Acts 9:1

The Conversion of St. Paul.

That blessed war of aggression which Jesus Christ wages upon the evil one is a war which is made to maintain itself. Christ's soldiers are His captured enemies. Every soul won from resistance to the Cross is marked at once with the Cross-badge and sent into the field to win others. Perhaps the most notable instance of this in history is the conversion of Saul. Jesus Christ never encountered a bitterer or an abler foe; Jesus Christ never won a mightier captain for His army.

I. The important fact that such a man suddenly abandoned the Pharasaic theology and became the Church's foremost preacher amply justifies the detail with which the story is here related. The immediate occasion of Saul's change of life was quite as exceptional as the change itself was eventful. Christ directly called this misguided persecutor to Himself; He called him personally. And this personal manifestation of Him whom the heavens had received is, I suppose, solitary in Christian history.

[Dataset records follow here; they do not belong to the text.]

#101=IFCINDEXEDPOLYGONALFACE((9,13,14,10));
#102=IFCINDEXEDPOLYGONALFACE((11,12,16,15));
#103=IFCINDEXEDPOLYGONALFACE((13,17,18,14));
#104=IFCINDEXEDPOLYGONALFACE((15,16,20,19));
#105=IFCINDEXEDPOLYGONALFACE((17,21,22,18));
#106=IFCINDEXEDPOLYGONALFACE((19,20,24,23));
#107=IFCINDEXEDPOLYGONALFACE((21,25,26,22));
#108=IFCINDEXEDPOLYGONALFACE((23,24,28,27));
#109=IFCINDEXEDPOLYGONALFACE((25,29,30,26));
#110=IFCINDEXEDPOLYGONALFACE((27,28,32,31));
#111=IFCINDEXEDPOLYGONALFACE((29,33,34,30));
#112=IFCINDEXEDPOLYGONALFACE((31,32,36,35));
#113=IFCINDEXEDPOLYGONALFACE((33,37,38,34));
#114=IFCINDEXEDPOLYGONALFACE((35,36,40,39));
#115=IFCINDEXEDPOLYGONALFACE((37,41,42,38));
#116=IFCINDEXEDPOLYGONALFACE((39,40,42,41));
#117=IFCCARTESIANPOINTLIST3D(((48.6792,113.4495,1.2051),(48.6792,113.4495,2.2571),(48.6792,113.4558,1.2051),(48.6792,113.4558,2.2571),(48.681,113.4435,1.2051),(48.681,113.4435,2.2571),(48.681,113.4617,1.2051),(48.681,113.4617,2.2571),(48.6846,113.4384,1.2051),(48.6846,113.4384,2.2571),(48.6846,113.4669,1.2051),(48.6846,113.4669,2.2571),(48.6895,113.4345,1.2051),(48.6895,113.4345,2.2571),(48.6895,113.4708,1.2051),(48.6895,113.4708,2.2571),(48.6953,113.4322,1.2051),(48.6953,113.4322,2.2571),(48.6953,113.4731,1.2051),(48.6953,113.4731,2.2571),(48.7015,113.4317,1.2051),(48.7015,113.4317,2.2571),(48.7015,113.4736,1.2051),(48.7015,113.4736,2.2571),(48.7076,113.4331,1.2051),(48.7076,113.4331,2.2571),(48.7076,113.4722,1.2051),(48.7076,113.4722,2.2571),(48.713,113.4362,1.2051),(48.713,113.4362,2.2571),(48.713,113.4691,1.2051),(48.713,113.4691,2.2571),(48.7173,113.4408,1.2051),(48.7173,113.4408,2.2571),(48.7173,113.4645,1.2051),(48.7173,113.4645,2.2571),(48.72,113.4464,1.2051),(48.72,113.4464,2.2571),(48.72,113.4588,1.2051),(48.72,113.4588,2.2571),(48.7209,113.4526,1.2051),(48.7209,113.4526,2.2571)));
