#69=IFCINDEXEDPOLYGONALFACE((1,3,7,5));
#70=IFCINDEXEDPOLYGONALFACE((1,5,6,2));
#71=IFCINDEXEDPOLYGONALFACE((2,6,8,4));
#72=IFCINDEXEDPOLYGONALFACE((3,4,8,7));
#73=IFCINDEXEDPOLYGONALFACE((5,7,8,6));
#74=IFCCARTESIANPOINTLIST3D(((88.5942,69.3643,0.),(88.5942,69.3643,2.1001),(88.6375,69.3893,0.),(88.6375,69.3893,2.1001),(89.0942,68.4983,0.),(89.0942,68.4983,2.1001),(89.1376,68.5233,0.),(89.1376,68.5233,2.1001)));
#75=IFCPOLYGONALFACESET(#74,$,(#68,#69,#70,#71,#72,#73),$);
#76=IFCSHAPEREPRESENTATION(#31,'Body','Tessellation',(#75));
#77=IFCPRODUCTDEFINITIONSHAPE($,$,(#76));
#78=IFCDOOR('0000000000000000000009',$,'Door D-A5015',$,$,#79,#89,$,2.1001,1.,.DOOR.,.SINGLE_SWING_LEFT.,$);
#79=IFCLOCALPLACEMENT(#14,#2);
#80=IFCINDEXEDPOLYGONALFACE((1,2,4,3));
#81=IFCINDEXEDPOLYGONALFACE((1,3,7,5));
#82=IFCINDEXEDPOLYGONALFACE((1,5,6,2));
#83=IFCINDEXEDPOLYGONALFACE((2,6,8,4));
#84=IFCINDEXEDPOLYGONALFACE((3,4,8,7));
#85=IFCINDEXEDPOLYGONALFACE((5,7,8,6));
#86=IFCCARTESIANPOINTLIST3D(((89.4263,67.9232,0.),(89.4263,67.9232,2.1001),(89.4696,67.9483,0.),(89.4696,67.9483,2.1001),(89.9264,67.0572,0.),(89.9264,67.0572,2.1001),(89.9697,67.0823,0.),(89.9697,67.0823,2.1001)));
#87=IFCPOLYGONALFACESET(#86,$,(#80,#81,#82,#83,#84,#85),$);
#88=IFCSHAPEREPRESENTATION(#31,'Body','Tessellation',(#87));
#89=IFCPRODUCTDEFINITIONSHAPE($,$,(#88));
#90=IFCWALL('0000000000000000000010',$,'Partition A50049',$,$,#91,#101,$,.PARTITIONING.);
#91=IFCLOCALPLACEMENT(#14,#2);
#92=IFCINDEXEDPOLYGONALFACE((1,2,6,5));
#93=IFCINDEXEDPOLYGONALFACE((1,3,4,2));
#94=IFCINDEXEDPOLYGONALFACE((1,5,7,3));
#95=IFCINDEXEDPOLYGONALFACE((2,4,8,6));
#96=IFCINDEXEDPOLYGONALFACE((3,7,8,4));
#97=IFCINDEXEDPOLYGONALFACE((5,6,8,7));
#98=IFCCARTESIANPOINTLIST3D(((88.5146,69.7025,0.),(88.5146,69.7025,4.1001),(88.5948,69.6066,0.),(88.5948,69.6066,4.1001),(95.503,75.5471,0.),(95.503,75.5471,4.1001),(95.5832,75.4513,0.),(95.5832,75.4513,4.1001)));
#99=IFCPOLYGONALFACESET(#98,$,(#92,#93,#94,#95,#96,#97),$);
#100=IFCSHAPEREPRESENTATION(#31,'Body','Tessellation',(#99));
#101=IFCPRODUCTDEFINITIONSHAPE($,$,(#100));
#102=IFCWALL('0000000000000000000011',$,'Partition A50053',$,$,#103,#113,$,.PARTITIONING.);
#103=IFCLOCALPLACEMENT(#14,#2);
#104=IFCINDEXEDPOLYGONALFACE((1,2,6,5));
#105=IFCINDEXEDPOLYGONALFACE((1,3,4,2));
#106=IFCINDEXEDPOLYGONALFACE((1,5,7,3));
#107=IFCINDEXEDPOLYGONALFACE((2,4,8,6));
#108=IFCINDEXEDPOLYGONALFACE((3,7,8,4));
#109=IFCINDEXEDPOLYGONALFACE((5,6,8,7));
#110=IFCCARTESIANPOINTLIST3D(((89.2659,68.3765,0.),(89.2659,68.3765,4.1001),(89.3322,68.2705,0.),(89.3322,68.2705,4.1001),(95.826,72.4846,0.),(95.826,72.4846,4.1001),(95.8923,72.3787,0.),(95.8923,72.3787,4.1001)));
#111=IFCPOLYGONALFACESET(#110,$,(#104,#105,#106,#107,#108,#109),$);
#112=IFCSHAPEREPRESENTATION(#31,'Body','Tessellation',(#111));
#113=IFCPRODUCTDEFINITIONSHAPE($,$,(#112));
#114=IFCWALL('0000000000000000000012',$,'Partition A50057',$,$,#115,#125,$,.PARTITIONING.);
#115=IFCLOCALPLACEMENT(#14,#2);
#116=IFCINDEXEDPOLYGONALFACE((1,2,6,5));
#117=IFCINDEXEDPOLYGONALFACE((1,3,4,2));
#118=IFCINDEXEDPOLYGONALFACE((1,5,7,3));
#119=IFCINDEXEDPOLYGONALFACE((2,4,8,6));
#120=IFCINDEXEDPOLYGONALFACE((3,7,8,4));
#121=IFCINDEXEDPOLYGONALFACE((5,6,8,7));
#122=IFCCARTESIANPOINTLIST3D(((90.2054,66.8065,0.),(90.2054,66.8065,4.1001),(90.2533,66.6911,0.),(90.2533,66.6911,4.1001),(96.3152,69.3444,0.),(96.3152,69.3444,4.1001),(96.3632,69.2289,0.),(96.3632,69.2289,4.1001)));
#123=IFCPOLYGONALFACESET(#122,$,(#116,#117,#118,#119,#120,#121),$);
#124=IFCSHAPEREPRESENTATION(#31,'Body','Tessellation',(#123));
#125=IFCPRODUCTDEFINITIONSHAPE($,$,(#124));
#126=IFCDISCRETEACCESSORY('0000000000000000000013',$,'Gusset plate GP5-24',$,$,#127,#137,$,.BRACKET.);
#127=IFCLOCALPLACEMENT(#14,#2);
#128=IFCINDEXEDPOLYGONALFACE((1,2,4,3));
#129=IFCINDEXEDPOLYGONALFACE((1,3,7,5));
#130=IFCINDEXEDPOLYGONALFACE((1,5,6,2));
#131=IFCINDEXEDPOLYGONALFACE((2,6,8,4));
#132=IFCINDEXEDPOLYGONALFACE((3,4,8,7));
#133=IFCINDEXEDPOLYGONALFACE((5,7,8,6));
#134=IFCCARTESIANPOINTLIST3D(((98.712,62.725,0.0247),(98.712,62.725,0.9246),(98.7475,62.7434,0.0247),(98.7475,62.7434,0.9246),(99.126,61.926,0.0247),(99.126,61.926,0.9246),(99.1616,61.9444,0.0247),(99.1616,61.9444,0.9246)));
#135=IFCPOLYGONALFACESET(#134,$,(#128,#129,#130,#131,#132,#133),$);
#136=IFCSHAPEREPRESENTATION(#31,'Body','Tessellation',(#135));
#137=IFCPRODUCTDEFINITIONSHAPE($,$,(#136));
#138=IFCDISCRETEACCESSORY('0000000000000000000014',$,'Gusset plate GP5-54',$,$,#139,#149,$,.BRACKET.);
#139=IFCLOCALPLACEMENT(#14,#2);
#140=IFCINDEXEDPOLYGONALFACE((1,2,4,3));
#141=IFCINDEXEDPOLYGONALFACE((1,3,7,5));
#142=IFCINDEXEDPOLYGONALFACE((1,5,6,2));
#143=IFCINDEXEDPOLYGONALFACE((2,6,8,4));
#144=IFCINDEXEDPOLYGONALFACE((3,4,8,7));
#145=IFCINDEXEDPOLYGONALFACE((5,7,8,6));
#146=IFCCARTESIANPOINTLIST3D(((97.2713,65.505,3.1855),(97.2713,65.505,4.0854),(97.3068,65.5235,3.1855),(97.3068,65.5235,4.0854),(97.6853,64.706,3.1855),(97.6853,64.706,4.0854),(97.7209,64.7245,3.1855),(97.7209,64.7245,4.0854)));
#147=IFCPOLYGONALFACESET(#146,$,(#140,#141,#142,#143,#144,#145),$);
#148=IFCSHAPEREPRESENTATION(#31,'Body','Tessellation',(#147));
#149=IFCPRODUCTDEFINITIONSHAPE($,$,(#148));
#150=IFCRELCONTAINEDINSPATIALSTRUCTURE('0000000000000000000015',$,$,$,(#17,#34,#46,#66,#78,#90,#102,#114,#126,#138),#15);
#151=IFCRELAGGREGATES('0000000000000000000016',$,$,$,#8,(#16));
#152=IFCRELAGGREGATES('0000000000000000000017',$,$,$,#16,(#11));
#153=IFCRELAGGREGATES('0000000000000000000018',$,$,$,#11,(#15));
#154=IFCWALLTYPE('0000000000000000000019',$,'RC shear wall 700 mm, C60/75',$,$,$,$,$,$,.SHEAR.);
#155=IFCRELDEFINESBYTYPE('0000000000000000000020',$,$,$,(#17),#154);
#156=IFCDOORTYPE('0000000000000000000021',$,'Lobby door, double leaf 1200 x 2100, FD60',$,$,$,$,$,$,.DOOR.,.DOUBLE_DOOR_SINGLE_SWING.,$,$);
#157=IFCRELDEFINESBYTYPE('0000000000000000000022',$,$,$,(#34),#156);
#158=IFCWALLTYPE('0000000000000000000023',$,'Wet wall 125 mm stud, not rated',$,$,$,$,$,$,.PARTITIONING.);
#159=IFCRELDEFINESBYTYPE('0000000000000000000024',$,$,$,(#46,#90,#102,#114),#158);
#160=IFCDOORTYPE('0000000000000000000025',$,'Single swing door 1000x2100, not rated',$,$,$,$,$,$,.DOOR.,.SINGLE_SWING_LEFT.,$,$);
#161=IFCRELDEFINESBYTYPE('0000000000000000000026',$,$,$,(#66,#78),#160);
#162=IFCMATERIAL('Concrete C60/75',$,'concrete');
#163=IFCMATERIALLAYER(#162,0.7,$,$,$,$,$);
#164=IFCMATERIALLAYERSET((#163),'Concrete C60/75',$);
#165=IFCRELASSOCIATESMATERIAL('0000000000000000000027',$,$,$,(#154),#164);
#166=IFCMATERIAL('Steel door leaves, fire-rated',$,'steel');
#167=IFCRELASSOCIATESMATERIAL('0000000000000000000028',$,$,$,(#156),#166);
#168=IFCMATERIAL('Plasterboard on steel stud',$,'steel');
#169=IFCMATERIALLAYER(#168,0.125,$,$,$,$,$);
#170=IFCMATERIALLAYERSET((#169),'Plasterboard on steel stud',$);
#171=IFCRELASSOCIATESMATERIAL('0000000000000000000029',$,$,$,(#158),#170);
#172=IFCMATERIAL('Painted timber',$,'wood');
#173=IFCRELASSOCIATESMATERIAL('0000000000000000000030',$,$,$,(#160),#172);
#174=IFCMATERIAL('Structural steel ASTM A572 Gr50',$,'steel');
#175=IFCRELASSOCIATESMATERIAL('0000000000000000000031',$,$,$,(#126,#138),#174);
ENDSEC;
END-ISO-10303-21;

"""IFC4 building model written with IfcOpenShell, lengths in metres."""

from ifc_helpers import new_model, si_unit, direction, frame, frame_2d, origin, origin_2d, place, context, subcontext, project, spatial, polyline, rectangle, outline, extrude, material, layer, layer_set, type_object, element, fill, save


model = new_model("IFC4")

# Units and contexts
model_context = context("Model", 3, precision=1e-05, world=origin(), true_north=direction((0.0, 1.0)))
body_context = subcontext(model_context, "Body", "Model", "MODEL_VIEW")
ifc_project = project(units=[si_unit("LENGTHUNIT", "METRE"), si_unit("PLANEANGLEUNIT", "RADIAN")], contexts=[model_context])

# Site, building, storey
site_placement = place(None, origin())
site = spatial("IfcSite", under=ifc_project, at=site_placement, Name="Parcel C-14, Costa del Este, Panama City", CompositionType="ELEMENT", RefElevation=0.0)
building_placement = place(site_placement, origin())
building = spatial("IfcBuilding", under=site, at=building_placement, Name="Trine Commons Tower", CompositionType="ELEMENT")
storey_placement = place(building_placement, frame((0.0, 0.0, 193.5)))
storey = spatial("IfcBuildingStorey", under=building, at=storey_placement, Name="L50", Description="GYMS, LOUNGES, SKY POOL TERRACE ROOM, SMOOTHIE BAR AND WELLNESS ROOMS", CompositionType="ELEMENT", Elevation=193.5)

II. The general nature of the change which passed over Saul is, I think, to be pretty well made out from what we know of the man before and after. If the punctilious and legal obedience he had been striving after was proved to have been consistent it was a gross breach of the law in its spirit, and he saw how unholy and unrighteous a life his had been. Saul's dialectic was quick enough to see that it must be the spirit and not the letter that God cares for. Yet there was little need for dialectic. The spiritual sense of the man, purged now from pride, which always blinds us, and illuminated by the Holy Spirit of God whom before he kicked against, saw what false education and self-righteousness had kept him from seeing, that the law by which alone we may please God is a spiritual thing. The moment this spiritual law of love to God and man, a law of heart motives, was made plain to him, sin revived, and he died. His mind reverted for help, turned round about in his loneliness to the names of those very disciples down in his note-book that he had come to arrest, and now, in a sweet vision, he seemed to see one of these friends of Jesus come into the home where he lay helpless and in darkness, and give him light. See how Jesus Christ must smite down that He may lift up. He first came in person by the way, and brought judgment, darkness, horror, and almost death. He came now, the second time, by the gentle words of His humble servant, came by the blessed sacrament of His Church, and so coming He brought light, peace, and the hope and desire of a better life.

J. Oswald Dykes, Penny Pulpit,new series, No. 469.